Trading

Interest Rate Increase Leads To Volatility in the Stock Market; Traders Watch Closely

Market Trends

Last year saw the Federal Reserve increase the benchmark interest rate at least seven times. That's how the federal funds rate closed the 4%, the first time this has happened since the economic upheavals of 2008. This rate cycle coupled with the post-pandemic conditions and the worsening liquidity conditions means that investors may need to be watchful for longer.

The central bank may continue with its interest rate interventions this year, as already evidenced by recent reports. The system has just announced that it has increased the federal funds rate by 0.25%, so the interest rates vs. stock market debate may not go away any time soon.

Market Forces at Play in 2023

The cycle of Fed rate hikes does impact the stock market, but there are other forces. These are the ever-present inflation, geopolitics, post-pandemic issues, and China's economy.

Fed Rate Increases

Most of the volatility in the stock market in recent times emanated from concerns about the Fed rate hikes. Even as recently as December 2022, the Fed announced that it would continue on this path. However, the market didn't expect any action until around March. So it is safe to say no one can tell the aggressiveness of the hikes going forward. Although the market condition is not entirely dependent on these rates, the unpredictability is causing volatility, hence traders must stay alert.

Perpetual Inflation

There were signs that the US market was rebounding, but all that seems to be waning. Inflation is so stubborn that consumers are on the brink of losing hope. The services sector is now at one of its worst levels ever. Given the expectations of an economic slowdown, it is expected that fuel costs will continue to rise. Other items and services are also bound to cost more.

Post-Pandemic Challenges

Another force worth mentioning is the re-pricing surrounding the recent pandemic. Some firms are no longer as popular as they were at the height of the pandemic. After years of dominance, growth stocks are paving way for value stocks.
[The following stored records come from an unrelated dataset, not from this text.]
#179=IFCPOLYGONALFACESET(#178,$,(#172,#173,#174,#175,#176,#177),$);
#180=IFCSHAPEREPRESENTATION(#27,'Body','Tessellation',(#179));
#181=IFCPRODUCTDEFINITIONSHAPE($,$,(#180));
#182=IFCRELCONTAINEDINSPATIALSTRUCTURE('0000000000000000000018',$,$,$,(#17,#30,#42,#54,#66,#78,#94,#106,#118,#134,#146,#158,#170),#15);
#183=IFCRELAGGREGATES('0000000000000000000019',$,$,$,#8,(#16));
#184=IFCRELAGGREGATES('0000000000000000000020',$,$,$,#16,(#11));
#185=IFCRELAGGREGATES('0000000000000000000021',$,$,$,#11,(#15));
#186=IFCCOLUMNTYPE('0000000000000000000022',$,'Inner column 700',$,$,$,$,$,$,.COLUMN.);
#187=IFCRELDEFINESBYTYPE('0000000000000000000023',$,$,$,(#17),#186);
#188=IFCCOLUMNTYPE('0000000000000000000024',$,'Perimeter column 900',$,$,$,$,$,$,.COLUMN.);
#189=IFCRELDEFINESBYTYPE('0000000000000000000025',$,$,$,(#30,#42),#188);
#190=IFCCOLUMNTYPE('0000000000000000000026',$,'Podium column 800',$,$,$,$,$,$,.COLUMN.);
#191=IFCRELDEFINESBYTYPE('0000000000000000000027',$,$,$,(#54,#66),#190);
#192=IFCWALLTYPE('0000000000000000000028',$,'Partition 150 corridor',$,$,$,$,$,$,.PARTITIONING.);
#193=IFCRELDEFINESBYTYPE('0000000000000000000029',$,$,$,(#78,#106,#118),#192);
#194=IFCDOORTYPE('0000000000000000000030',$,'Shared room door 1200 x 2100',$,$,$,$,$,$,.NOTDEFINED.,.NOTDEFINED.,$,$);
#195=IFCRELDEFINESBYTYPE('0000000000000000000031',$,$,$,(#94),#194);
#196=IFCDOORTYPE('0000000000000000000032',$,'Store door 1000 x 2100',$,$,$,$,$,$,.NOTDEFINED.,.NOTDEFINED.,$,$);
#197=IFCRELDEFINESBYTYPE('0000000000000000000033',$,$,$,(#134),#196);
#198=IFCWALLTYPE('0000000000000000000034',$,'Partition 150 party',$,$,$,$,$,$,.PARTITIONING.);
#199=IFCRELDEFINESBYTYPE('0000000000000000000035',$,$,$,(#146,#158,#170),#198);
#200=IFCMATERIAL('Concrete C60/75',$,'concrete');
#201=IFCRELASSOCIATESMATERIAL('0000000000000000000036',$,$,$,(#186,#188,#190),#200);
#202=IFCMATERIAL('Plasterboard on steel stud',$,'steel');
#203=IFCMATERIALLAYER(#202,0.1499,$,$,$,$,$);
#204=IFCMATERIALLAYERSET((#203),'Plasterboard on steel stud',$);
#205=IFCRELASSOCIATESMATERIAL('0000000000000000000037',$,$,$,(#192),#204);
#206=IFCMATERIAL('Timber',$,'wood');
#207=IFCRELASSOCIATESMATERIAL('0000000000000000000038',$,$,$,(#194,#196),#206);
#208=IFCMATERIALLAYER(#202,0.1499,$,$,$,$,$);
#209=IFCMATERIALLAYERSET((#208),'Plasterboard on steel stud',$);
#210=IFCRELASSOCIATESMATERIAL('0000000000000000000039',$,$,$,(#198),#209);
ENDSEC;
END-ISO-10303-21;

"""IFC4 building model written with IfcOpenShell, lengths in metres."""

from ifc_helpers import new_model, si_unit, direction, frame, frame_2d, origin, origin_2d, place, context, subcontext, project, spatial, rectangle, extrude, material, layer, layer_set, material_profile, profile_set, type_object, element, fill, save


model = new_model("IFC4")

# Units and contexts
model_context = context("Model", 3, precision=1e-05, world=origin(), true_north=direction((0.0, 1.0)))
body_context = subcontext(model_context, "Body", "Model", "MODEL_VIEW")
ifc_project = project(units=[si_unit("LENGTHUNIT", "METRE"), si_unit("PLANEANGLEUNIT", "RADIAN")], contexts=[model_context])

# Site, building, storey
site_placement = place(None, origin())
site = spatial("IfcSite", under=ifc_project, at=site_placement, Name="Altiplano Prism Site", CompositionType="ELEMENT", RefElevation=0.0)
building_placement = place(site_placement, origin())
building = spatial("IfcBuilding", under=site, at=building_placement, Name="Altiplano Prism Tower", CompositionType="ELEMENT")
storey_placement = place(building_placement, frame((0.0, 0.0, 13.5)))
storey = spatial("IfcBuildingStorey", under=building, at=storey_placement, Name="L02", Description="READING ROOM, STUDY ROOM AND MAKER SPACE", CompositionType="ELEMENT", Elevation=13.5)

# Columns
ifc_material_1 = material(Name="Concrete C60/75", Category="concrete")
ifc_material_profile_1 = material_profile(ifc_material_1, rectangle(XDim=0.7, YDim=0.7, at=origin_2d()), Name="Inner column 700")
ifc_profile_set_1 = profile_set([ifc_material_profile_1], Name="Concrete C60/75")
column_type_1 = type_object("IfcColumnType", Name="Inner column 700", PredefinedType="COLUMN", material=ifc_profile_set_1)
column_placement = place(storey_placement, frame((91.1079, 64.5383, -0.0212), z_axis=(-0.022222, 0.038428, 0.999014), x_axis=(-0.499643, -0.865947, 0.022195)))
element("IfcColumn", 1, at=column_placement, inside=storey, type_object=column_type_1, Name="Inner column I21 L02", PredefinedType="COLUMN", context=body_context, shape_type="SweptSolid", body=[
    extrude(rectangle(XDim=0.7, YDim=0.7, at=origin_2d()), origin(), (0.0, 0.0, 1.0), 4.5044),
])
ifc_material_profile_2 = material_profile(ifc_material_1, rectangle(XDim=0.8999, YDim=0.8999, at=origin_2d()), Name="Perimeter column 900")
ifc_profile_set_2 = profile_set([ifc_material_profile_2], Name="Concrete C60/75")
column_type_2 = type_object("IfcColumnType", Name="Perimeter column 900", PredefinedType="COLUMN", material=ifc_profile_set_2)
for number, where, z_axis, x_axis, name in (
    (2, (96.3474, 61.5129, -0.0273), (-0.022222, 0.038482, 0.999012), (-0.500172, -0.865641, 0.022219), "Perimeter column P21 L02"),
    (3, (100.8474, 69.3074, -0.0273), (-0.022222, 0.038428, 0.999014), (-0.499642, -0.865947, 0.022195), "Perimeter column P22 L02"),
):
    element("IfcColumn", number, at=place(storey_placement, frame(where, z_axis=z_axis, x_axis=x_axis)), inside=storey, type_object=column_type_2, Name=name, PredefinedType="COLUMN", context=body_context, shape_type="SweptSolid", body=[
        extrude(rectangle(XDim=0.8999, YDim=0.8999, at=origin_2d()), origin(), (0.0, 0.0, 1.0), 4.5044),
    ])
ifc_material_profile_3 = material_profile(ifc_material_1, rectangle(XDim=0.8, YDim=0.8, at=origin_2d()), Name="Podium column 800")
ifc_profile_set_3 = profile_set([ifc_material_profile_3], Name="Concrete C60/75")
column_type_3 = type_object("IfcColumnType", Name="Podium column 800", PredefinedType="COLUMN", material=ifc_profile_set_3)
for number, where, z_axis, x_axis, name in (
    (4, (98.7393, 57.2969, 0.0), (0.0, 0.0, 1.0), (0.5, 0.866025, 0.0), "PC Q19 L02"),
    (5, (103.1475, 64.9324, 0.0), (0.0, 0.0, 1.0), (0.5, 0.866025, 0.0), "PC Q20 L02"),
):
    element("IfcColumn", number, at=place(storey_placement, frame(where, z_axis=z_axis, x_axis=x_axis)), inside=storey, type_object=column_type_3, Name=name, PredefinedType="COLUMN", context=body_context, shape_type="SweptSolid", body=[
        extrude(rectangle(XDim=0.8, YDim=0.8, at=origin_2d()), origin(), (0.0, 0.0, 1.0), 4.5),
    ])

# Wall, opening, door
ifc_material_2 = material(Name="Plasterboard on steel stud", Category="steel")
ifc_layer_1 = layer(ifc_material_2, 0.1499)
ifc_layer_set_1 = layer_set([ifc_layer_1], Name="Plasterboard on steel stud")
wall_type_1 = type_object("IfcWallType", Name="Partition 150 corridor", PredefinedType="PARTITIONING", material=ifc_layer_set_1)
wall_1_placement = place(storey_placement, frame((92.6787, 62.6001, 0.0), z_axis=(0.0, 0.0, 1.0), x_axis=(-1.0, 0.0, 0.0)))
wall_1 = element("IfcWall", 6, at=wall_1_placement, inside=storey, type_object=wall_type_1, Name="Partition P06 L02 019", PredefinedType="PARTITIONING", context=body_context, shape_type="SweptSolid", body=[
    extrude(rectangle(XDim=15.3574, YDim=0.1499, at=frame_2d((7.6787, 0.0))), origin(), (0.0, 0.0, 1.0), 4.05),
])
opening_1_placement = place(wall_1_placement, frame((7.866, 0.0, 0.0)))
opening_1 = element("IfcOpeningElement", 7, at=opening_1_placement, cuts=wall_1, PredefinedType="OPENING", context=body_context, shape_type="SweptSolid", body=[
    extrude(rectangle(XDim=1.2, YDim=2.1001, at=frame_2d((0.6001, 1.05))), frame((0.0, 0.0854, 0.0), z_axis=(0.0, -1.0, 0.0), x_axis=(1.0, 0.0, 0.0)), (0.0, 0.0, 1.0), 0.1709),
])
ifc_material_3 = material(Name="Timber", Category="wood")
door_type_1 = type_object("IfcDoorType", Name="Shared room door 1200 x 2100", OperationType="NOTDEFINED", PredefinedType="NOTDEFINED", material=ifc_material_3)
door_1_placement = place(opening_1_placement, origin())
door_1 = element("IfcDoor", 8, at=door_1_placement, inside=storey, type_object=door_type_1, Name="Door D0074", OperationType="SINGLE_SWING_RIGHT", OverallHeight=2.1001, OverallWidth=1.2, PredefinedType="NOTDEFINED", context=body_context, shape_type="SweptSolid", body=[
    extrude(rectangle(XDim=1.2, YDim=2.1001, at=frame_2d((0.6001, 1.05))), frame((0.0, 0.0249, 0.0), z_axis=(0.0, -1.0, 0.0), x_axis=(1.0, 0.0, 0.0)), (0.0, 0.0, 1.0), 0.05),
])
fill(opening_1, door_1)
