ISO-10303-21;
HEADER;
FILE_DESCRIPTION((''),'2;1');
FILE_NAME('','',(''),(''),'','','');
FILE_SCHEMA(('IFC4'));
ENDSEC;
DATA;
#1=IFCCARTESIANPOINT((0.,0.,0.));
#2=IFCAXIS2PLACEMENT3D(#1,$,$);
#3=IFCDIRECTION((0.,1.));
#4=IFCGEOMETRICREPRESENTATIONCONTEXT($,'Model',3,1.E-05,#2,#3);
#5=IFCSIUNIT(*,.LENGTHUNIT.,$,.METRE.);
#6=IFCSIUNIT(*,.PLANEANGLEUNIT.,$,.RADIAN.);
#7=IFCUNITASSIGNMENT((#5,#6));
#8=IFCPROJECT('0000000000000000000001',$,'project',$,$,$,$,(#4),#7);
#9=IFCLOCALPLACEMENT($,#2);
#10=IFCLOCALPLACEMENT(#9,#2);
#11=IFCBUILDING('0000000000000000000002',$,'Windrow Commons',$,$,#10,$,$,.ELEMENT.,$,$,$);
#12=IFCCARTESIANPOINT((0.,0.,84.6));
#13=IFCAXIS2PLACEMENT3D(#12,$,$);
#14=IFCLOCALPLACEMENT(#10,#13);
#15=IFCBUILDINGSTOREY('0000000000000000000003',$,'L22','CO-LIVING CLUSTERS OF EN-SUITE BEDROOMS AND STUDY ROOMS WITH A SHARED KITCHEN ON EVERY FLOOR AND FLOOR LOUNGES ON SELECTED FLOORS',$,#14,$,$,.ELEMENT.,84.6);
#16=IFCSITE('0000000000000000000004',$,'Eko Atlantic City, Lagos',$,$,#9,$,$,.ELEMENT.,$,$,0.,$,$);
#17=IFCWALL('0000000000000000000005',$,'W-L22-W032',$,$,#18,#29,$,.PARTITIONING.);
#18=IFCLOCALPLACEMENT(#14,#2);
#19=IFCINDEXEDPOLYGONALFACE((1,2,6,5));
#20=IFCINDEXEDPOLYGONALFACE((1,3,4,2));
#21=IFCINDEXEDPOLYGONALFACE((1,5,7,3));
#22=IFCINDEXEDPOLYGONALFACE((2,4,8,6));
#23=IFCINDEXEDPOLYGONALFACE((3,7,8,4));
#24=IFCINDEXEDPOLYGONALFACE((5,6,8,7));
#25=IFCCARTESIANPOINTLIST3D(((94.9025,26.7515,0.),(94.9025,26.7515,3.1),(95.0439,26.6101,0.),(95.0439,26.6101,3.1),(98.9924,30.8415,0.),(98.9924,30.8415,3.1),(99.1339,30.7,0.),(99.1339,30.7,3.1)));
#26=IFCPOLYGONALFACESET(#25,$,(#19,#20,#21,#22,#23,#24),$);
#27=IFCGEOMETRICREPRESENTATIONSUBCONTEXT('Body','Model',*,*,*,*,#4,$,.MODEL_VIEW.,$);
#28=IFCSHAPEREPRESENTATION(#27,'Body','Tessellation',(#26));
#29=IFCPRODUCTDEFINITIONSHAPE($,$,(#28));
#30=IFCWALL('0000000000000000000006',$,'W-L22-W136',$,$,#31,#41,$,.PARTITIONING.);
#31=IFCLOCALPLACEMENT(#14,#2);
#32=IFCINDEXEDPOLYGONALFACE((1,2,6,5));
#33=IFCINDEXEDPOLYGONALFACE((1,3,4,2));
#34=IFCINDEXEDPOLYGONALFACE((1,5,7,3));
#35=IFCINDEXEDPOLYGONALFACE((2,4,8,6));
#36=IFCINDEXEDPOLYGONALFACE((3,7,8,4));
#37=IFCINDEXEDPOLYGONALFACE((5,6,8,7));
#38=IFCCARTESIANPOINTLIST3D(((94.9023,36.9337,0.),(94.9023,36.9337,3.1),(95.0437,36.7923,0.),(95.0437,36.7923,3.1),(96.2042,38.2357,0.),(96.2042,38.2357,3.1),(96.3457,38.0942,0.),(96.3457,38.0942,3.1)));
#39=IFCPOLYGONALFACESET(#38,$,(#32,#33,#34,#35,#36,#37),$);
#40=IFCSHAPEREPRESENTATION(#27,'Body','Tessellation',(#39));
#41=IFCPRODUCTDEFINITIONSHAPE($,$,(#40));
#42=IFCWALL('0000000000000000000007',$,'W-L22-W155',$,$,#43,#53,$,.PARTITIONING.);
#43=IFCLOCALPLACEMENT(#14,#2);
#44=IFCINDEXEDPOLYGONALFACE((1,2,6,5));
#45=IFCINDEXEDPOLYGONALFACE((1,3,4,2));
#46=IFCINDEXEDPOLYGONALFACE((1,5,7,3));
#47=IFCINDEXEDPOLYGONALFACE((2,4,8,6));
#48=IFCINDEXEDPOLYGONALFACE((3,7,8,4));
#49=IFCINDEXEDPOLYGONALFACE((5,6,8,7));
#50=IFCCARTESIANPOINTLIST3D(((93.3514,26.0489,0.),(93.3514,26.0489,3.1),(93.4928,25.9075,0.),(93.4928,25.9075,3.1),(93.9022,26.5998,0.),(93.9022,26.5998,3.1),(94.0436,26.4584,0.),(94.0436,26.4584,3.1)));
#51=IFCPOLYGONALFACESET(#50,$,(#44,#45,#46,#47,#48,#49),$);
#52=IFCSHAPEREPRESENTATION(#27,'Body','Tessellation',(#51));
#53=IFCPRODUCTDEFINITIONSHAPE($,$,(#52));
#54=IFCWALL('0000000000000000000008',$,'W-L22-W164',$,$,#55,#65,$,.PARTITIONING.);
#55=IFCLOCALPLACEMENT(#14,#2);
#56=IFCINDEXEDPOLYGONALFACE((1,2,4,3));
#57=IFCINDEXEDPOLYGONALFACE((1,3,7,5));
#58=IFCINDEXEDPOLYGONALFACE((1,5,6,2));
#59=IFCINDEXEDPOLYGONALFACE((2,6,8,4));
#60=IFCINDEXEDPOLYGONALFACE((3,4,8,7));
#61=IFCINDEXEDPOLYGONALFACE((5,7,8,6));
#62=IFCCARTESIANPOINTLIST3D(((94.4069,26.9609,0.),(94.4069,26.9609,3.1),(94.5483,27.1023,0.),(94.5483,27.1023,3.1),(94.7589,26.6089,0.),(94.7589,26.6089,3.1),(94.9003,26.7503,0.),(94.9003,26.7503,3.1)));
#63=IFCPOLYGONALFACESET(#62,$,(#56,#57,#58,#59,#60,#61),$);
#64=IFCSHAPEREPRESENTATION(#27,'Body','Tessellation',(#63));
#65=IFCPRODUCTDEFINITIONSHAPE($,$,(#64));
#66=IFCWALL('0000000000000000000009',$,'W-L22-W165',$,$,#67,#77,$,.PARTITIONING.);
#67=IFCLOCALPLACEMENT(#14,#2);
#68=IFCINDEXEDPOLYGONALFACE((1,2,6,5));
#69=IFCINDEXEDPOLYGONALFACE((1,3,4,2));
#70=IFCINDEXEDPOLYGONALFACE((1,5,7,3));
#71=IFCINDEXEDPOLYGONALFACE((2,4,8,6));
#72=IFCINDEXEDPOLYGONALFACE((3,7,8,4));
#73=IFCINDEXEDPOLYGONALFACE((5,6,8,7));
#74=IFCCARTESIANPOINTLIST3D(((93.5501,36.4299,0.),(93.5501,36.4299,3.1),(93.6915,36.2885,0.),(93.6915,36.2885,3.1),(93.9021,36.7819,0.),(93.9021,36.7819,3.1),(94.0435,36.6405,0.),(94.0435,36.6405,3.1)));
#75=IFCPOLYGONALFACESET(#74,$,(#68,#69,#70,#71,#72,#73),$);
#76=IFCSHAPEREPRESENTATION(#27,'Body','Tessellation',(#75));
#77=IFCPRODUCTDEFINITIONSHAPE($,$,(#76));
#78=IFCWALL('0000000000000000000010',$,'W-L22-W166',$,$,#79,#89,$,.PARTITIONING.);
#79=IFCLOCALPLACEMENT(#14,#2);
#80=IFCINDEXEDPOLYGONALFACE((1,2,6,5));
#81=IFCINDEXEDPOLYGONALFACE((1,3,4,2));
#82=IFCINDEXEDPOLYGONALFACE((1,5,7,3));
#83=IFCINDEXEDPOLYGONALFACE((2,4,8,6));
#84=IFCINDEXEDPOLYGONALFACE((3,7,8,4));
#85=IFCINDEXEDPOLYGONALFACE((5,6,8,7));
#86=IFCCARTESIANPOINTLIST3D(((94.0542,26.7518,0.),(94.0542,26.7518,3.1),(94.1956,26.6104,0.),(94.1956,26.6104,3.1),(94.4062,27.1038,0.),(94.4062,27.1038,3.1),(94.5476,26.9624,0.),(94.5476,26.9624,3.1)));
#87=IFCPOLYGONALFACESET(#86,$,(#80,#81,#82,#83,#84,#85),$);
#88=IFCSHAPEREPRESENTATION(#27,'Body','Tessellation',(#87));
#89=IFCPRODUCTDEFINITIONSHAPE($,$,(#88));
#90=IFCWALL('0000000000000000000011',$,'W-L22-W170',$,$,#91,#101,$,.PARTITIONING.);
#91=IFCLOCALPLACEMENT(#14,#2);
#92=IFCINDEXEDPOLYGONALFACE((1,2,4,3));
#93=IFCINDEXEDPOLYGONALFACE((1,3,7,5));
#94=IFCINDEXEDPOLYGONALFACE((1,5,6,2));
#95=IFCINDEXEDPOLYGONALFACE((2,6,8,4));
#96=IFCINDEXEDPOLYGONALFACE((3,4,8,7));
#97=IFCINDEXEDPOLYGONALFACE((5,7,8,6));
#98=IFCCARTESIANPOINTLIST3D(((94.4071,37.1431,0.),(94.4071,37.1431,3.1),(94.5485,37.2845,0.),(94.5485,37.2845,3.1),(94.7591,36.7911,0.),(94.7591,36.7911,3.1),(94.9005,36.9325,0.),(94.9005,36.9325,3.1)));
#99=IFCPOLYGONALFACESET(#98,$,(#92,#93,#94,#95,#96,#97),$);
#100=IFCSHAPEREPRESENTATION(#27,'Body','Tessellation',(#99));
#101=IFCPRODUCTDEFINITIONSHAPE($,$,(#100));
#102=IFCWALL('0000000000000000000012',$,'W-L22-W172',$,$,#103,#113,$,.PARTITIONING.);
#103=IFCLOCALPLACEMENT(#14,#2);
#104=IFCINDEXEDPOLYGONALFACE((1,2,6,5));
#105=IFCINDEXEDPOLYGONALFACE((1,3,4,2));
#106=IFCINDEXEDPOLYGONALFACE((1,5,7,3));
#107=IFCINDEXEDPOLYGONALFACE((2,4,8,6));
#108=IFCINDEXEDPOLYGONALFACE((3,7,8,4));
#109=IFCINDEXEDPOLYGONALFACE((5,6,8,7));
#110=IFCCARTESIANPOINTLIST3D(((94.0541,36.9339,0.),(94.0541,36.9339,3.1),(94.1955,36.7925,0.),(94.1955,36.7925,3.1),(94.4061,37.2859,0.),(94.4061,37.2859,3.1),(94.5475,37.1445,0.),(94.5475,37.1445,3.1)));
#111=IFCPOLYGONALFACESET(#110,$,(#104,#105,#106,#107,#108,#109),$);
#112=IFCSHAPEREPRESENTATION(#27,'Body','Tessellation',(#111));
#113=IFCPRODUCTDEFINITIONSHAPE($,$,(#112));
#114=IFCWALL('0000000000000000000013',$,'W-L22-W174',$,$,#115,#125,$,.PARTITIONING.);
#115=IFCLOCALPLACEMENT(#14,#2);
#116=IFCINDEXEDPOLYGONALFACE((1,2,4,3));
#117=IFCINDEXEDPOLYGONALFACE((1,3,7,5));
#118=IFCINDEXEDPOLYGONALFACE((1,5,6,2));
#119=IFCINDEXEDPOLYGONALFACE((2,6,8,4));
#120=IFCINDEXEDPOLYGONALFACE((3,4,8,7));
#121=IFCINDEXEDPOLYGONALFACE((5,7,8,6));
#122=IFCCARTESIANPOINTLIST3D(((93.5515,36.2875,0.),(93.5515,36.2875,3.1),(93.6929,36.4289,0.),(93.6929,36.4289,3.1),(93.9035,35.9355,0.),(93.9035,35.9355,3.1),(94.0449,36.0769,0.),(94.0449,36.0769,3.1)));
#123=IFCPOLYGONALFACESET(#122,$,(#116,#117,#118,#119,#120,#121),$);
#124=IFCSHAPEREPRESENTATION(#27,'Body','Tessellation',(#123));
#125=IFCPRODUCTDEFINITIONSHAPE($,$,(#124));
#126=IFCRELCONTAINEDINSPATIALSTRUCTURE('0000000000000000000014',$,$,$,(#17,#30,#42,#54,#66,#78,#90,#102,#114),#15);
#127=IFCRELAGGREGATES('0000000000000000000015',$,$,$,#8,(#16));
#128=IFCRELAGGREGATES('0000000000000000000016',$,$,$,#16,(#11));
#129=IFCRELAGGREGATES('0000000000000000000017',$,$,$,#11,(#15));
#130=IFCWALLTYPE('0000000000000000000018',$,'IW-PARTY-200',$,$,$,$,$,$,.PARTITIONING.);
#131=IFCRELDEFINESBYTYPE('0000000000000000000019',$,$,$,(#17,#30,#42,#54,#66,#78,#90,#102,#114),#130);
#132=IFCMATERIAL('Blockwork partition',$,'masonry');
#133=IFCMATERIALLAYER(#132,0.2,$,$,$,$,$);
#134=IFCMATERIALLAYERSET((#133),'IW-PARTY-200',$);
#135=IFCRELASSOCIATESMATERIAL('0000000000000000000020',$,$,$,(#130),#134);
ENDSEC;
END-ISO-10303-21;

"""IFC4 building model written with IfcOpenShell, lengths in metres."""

from ifc_helpers import new_model, si_unit, direction, frame, frame_2d, origin, place, context, subcontext, project, spatial, rectangle, extrude, material, layer, layer_set, type_object, element, save


model = new_model("IFC4")

# Units and contexts
model_context = context("Model", 3, precision=1e-05, world=origin(), true_north=direction((0.0, 1.0)))
body_context = subcontext(model_context, "Body", "Model", "MODEL_VIEW")
ifc_project = project(units=[si_unit("LENGTHUNIT", "METRE"), si_unit("PLANEANGLEUNIT", "RADIAN")], contexts=[model_context])

# Site, building, storey
site_placement = place(None, origin())
site = spatial("IfcSite", under=ifc_project, at=site_placement, Name="Eko Atlantic City, Lagos", CompositionType="ELEMENT", RefElevation=0.0)
building_placement = place(site_placement, origin())
building = spatial("IfcBuilding", under=site, at=building_placement, Name="Windrow Commons", CompositionType="ELEMENT")
storey_placement = place(building_placement, frame((0.0, 0.0, 84.6)))
storey = spatial("IfcBuildingStorey", under=building, at=storey_placement, Name="L22", Description="CO-LIVING CLUSTERS OF EN-SUITE BEDROOMS AND STUDY ROOMS WITH A SHARED KITCHEN ON EVERY FLOOR AND FLOOR LOUNGES ON SELECTED FLOORS", CompositionType="ELEMENT", Elevation=84.6)

# Walls
ifc_material_1 = material(Name="Blockwork partition", Category="masonry")
ifc_layer_1 = layer(ifc_material_1, 0.2)
ifc_layer_set_1 = layer_set([ifc_layer_1], Name="IW-PARTY-200")
wall_type_1 = type_object("IfcWallType", Name="IW-PARTY-200", PredefinedType="PARTITIONING", material=ifc_layer_set_1)
wall_1_placement = place(storey_placement, frame((94.9732, 26.6808, 0.0), z_axis=(0.0, 0.0, 1.0), x_axis=(0.707107, 0.707107, 0.0)))
element("IfcWall", 1, at=wall_1_placement, inside=storey, type_object=wall_type_1, Name="W-L22-W032", PredefinedType="PARTITIONING", context=body_context, shape_type="SweptSolid", body=[
    extrude(rectangle(XDim=5.7841, YDim=0.2, at=frame_2d((2.892, 0.0))), origin(), (0.0, 0.0, 1.0), 3.1),
])
wall_2_placement = place(storey_placement, frame((94.973, 36.863, 0.0), z_axis=(0.0, 0.0, 1.0), x_axis=(0.707107, 0.707107, 0.0)))
element("IfcWall", 2, at=wall_2_placement, inside=storey, type_object=wall_type_1, Name="W-L22-W136", PredefinedType="PARTITIONING", context=body_context, shape_type="SweptSolid", body=[
    extrude(rectangle(XDim=1.8413, YDim=0.2, at=frame_2d((0.9206, 0.0))), origin(), (0.0, 0.0, 1.0), 3.1),
])
wall_3_placement = place(storey_placement, frame((93.4221, 25.9782, 0.0), z_axis=(0.0, 0.0, 1.0), x_axis=(0.707043, 0.707171, 0.0)))
element("IfcWall", 3, at=wall_3_placement, inside=storey, type_object=wall_type_1, Name="W-L22-W155", PredefinedType="PARTITIONING", context=body_context, shape_type="SweptSolid", body=[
As normalcy returns, companies that seemed done and dusted could recover. Therefore, traders had better rethink some of their strategies this year.

China Economy and Russia-Ukraine Conflict

Then there is the issue of global conflicts. The Russian stocks are worth watching, as is the situation in China, particularly the opportunity for contrarian trade.

The Opportunity in Volatility

Volatility in the stock market is not necessarily unpleasant, as it can offer opportunities for traders. Traders who like to look at the long-term market outlook may want to buy in companies that they like when the prices are low. The understanding is that the stock market will eventually recover.

The same strategy can apply when there is a sudden spike in stock prices. A trader can opt to sell out and invest the money made in other areas or stocks. When the stock market is volatile, valuations are likely to be friendlier. Consequently, the chances of making decent returns in the long term are higher.

Why is a long-term view of the market necessary?

First, predicting the stock market is next to impossible. Whenever a trader tries to time the market, there is a high risk of making losses. It is better to remain focused, than get into the timing strategy and fail. Timing is riskiest during stock market volatility.

The best companies have robust fundamentals, so they tend to perform well even when the volatility is high. The stock price may not indicate this immediately, but these companies will always emerge stronger. This may not be said for emerging companies, which can experience an unsustainable increase in stock prices. Stock investors can again come in and invest in such companies during these fluctuations in readiness for aggregate growth later.   

Conclusion

This is probably the most important lesson that a stock market trader can ever have: Volatility is normal. Basing the entry or exit from the market on this element alone can be disastrous. One had better watch closely before acting.

Despite the chaos that may be in the stock market, there could be investment opportunities, but only for those who understand how volatility relates to the interest rate and other factors.